# A 6 step Food Storage Plan



## weedygarden (Apr 27, 2011)

http://www.provident-living-today.com/Bulk-Food-Storage.html

This has been on the internet for years, but I stumbled across it again today and thought it was worth sharing and discussing. They say it would cost $225 per adult. I doubt that it is still that low in cost. The author of this plan is a Mormon, and it appears that this plan is based off their plan from a few decades ago, with wheat, grains, and beans as the base. It also says that it is a daily ration. Could you eat that little a day? When she wrote this plan, she had a family of 12.



> Bulk Food Storage
> Build your Foundation
> On the Basics
> 
> ...


----------



## AmishHeart (Jun 10, 2016)

It's a good starter. I would get tired of it quickly, though, although oatmeal for breakfast is a good belly filler upper. There are mini cookbooks that I bought from Emergency Essentials called "Cooking with Wheat", "Cooking with Oats", and "Cooking with Powdered Milk". My mom used to make cornmeal fried mush for breakfast, and although it wasn't my favorite at all, it was made acceptable with a little sorghum syrup, or some made tomato gravy if you had a tomato.


----------



## weedygarden (Apr 27, 2011)

AmishHeart said:


> *It's a good starter. I would get tired of it quickly, though*, although oatmeal for breakfast is a good belly filler upper. There are mini cookbooks that I bought from Emergency Essentials called "Cooking with Wheat", "Cooking with Oats", and "Cooking with Powdered Milk". My mom used to make cornmeal fried mush for breakfast, and although it wasn't my favorite at all, it was made acceptable with a little sorghum syrup, or some made tomato gravy if you had a tomato.
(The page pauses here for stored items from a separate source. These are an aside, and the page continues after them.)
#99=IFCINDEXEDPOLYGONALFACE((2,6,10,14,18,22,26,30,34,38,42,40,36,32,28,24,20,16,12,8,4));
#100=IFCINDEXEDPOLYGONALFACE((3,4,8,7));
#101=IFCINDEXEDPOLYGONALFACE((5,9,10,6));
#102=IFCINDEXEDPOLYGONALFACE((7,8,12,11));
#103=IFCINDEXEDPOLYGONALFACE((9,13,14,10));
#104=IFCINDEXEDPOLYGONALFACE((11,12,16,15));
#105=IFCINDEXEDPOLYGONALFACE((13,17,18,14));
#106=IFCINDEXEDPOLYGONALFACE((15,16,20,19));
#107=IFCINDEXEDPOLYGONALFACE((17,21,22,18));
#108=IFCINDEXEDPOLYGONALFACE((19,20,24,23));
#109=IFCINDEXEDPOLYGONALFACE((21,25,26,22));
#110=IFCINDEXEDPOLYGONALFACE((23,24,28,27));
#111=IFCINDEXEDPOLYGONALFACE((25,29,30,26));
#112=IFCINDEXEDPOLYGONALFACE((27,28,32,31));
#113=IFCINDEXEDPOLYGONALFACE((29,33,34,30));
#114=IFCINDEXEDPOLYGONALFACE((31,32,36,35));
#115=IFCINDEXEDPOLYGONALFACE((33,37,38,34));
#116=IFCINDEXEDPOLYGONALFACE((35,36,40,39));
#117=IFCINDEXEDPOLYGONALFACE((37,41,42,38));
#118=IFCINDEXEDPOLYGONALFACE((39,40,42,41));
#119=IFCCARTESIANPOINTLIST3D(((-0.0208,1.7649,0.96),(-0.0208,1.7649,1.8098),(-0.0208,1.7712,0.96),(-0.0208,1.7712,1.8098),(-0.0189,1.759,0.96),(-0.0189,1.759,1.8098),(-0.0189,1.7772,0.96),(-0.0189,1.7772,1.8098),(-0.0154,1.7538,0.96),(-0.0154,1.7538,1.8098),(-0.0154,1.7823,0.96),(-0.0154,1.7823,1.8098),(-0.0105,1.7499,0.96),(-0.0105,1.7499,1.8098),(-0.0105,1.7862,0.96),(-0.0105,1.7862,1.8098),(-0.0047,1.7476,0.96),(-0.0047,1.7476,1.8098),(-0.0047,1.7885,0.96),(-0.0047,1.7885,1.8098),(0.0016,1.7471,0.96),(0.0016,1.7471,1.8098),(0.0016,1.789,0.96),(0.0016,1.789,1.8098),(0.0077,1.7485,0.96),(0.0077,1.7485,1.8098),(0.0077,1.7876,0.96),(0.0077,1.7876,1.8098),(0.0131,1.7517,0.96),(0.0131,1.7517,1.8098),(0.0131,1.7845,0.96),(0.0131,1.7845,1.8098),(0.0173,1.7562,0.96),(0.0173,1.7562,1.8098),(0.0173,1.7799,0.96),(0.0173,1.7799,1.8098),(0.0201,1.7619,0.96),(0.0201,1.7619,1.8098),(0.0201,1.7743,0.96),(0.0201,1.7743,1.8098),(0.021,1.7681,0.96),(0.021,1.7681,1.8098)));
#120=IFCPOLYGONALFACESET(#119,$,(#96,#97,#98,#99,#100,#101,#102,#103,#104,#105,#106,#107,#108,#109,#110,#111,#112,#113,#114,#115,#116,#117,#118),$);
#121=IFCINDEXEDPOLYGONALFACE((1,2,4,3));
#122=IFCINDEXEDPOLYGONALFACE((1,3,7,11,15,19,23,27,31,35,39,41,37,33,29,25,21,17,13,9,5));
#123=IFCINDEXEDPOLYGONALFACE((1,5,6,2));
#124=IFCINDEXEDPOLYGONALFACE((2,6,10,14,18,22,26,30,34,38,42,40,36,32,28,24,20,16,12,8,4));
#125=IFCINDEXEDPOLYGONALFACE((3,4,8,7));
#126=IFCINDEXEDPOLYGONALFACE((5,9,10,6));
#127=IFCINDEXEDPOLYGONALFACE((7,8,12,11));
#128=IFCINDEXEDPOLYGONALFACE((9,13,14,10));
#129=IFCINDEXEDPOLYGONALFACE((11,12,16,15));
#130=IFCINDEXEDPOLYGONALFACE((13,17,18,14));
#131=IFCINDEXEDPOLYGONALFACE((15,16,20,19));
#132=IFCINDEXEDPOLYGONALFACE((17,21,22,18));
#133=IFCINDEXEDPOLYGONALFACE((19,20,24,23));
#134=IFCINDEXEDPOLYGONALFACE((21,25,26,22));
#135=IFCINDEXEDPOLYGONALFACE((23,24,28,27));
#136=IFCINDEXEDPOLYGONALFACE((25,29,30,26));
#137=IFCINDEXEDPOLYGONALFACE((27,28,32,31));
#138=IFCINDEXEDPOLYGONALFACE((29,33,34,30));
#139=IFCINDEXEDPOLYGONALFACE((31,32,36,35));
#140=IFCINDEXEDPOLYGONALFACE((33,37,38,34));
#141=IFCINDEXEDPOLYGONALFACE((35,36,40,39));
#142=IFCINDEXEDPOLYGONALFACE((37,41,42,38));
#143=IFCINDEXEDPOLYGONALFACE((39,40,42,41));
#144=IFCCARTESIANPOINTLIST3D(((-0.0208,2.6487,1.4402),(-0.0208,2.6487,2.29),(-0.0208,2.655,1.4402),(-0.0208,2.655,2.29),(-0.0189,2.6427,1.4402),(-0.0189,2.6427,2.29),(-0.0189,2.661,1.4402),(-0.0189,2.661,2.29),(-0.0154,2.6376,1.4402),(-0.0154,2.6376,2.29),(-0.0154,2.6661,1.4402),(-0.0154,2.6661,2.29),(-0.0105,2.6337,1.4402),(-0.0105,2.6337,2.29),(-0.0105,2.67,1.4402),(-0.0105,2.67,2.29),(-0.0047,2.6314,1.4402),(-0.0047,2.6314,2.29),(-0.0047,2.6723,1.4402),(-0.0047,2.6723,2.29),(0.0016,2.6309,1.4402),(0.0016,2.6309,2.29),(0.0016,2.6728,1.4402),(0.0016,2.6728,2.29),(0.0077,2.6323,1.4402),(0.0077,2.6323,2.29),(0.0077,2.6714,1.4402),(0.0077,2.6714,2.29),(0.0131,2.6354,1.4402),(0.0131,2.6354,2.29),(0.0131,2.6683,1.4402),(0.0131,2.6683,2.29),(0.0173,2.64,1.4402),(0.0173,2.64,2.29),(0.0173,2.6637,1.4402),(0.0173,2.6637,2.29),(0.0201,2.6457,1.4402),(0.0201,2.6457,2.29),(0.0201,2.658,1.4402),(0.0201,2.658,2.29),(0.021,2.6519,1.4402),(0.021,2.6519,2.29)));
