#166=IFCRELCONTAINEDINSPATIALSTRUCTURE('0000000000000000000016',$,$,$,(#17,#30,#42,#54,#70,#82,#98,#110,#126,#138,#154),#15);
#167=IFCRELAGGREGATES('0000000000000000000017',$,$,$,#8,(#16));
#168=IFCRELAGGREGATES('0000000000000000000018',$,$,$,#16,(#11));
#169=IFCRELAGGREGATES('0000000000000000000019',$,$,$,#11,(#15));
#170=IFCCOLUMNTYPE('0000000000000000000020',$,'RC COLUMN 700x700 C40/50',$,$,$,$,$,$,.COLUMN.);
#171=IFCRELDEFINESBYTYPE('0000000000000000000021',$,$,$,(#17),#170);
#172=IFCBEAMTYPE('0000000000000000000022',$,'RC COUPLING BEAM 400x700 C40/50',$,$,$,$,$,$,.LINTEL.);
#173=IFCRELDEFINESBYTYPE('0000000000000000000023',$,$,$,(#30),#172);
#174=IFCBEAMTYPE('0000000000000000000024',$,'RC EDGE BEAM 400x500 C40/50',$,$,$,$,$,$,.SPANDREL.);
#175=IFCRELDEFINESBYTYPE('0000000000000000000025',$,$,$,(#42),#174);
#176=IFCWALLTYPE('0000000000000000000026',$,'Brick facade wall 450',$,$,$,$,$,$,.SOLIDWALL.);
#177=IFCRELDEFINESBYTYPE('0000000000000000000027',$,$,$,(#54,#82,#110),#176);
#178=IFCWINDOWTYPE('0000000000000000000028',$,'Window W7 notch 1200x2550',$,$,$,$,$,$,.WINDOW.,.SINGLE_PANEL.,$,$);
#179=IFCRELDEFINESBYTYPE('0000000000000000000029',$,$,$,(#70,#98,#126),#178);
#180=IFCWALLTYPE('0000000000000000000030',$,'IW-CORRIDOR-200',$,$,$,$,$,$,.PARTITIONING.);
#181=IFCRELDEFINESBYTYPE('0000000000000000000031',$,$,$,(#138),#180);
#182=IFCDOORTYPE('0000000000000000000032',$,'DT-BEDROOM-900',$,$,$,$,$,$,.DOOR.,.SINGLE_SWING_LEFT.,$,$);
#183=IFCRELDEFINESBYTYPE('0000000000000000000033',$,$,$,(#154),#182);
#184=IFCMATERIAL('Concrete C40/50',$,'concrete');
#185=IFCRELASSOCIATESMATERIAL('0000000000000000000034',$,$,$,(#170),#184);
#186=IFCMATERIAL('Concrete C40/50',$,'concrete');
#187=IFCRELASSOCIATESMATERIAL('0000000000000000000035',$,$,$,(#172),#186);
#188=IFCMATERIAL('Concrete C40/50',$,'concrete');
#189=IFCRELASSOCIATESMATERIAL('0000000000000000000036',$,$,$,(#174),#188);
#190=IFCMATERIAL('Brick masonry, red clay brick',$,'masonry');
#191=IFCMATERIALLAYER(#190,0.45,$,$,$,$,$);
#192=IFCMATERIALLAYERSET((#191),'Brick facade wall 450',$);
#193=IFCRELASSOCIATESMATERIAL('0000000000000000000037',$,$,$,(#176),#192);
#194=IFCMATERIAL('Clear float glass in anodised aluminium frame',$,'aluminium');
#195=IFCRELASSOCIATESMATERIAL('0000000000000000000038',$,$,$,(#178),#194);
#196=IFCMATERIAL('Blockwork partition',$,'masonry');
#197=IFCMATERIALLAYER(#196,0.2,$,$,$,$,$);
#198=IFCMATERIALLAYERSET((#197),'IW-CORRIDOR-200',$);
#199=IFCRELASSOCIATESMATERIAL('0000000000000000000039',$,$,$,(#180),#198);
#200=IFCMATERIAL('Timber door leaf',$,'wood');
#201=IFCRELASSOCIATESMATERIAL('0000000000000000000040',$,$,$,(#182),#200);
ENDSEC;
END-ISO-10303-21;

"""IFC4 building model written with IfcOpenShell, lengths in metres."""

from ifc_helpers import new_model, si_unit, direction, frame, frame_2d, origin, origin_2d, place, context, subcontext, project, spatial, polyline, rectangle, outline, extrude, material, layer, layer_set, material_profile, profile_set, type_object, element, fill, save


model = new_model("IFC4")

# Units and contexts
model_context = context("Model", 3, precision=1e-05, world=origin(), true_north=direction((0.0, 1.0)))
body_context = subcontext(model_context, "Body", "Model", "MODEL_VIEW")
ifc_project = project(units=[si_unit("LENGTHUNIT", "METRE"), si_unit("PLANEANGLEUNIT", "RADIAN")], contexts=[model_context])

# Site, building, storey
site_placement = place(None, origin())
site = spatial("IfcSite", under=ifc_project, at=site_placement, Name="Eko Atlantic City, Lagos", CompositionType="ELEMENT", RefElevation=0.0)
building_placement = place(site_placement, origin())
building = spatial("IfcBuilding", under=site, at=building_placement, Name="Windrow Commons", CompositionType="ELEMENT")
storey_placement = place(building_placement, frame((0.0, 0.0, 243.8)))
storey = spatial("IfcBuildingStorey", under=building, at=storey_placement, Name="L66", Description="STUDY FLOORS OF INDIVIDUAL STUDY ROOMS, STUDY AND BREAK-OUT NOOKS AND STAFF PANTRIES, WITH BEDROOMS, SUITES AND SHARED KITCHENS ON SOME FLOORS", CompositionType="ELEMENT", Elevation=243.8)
Yes, I agree. It is a good starter. But it is a base. I have seen a few people that I really think have a whole bunch of rice and beans, that is it.

I first learned about food storage with step one. I think it was this very list, decades later, that moved me past that. And the wheat? I have a bunch. When did I last use it? Not this year. But I have a wheat grinder or two or three or four. And I have the ability to make bread and noodles and more.

My food storage is a little more flushed out than this whole plan, but I have worked to have this list, these levels as a basis. I think, for some, they really need this kind of list.

I think we have had people ask the question, "Food Storage? WHAT?"

I also think of the people who are freeze dried and Mountain House preppers. Not that there is anything wrong with that. That is better than nothing, but this is a good base.

I think of friends who really never have a pantry. Think of the people who open the refrigerator and they see mostly bare shelves, with a few condiments and maybe a beverage or two.

I also have thought many times, if I have basics, even in a serious SHTF, there may be things here and there that can add variety, through gardens, foraging, etc.


----------



## DKRinAK (Nov 21, 2011)

https://grandpappy.org/hfoodaff.htm

This will take you to a web page that lays out in detail a years supply of food for a decent price.
More importantly, it offers quite a bit of variety it terms of both taste and protein. Well worth the time to have a look - the fellow that wrote this up is a P.E. and really into detail.....


----------



## weedygarden (Apr 27, 2011)

DKRinAK said:


> https://grandpappy.org/hfoodaff.htm
> 
> This will take you to a web page that lays out in detail a years supply of food for a decent price.
> More importantly, it offers quite a bit of variety it terms of both taste and protein. Well worth the time to have a look - the fellow that wrote this up is a P.E. and really into detail.....


I have visited his web site before. He has great information.

He has a good list, especially for people who buy all their preps at their local grocery store.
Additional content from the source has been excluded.